Sql-server – SQL Server: Order of Rows

group byorder-byselectsql server

We all know that a simple statement such as:

SELECT * FROM stuff;

should not produce an ordered result. However, when I try to demonstrate this, it always comes out in primary key order.

Moreover a statement such as:

SELECT thing,whatever FROM stuff
GROUP BY thing,whatever;

always appears to sort thing by the last field in the GROUP BY clause, which is not at all helpful.

The question is, under what circumstances does SQL SERVER order the result even if unasked, and what can I do to stop this?

I am trying to demonstrate to my students that order is indeterminate unless specified, but this is not helping my case.

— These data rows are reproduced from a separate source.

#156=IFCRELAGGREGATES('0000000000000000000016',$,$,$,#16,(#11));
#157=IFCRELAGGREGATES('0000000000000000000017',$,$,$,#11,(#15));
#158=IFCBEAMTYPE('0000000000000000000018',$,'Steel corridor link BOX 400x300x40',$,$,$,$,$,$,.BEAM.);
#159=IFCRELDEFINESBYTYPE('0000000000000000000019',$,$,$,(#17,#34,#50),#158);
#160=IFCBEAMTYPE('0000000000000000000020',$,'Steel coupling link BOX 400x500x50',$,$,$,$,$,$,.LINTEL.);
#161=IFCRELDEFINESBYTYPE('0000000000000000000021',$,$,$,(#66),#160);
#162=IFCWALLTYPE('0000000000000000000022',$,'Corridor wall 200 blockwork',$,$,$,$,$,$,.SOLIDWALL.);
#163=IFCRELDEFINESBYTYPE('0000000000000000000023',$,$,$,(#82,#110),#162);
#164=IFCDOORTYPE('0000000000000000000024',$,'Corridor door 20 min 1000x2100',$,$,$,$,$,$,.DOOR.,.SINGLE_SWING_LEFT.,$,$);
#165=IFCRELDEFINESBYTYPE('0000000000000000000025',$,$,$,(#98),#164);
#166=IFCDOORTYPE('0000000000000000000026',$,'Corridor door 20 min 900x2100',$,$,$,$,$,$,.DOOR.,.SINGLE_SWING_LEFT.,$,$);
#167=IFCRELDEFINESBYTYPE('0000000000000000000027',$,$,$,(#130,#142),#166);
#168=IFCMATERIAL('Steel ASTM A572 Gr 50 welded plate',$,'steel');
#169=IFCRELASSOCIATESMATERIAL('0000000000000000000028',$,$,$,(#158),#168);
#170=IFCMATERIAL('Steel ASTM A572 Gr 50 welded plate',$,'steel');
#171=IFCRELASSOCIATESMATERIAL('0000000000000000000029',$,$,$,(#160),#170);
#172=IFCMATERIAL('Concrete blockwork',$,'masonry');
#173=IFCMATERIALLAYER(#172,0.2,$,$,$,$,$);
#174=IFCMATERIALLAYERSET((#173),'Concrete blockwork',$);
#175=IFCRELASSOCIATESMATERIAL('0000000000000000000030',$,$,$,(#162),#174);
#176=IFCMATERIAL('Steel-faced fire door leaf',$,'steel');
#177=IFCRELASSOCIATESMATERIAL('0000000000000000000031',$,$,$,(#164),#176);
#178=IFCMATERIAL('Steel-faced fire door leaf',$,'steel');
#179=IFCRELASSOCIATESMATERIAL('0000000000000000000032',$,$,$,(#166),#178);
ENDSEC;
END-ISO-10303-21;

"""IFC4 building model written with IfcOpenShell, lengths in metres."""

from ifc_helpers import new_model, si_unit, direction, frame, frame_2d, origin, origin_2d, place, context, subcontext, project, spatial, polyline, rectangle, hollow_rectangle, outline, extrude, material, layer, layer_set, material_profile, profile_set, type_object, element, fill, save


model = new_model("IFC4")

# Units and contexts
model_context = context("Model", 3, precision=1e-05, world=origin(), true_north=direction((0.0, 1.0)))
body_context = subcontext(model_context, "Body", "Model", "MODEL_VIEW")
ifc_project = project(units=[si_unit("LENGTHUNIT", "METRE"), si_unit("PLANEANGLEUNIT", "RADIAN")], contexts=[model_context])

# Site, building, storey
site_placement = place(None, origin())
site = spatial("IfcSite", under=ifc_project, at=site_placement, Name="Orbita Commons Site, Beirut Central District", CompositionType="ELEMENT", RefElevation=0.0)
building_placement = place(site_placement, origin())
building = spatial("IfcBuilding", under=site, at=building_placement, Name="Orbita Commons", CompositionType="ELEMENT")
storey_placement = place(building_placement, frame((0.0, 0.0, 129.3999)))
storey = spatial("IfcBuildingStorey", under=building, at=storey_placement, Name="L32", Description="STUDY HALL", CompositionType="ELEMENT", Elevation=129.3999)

I admit that I am working with a small set of sample data.

Thanks

Best Answer

under what circumstances does SQL SERVER order the result even if unasked?

This might happen if the access path to retrieve the data happens to produce data already ordered e.g. an index scan in key order. Or if the plan contains an explicit sort in order to provide data in order for operators that require this, such as merge join or stream aggregate. Without an explicit order by no order is guaranteed but SQL Server won't go out of its way to prevent results being output in order either.

and what can I do to stop this?

For the first query you can see different ordering if SQL Server uses an allocation order scan.

So make sure the table is at least 64 pages in size and that the allocation order isn't the same as key order then run the query at read uncommitted isolation level.

CREATE TABLE T
(
X INT IDENTITY PRIMARY KEY,
Y CHAR(4000)
);

INSERT INTO T
SELECT TOP 100 'A'
FROM master..spt_values;

/* Cause page splits so key order and allocation order differ
   and leaves one row per page so table is now > 64 pages*/
ALTER TABLE T ALTER COLUMN Y CHAR(4001);

SET TRANSACTION ISOLATION LEVEL READ UNCOMMITTED;

SELECT *
FROM T;

The read uncommitted isn't required for the above in the case that a table lock is taken, there is a hint for that but a less obvious way would be to change the above table definition to

CREATE TABLE T
(
X INT IDENTITY PRIMARY KEY WITH(allow_row_locks = off, allow_page_locks = off),
Y CHAR(4000)
);

And then hopefully you will see disordered results without having to change the isolation level.

For the second query you want a hash aggregate rather than a stream aggregate. You can force this with a query hint or less obviously with a plan guide but this is more likely to be chosen organically if there are relatively few distinct groups compared to the size of the table.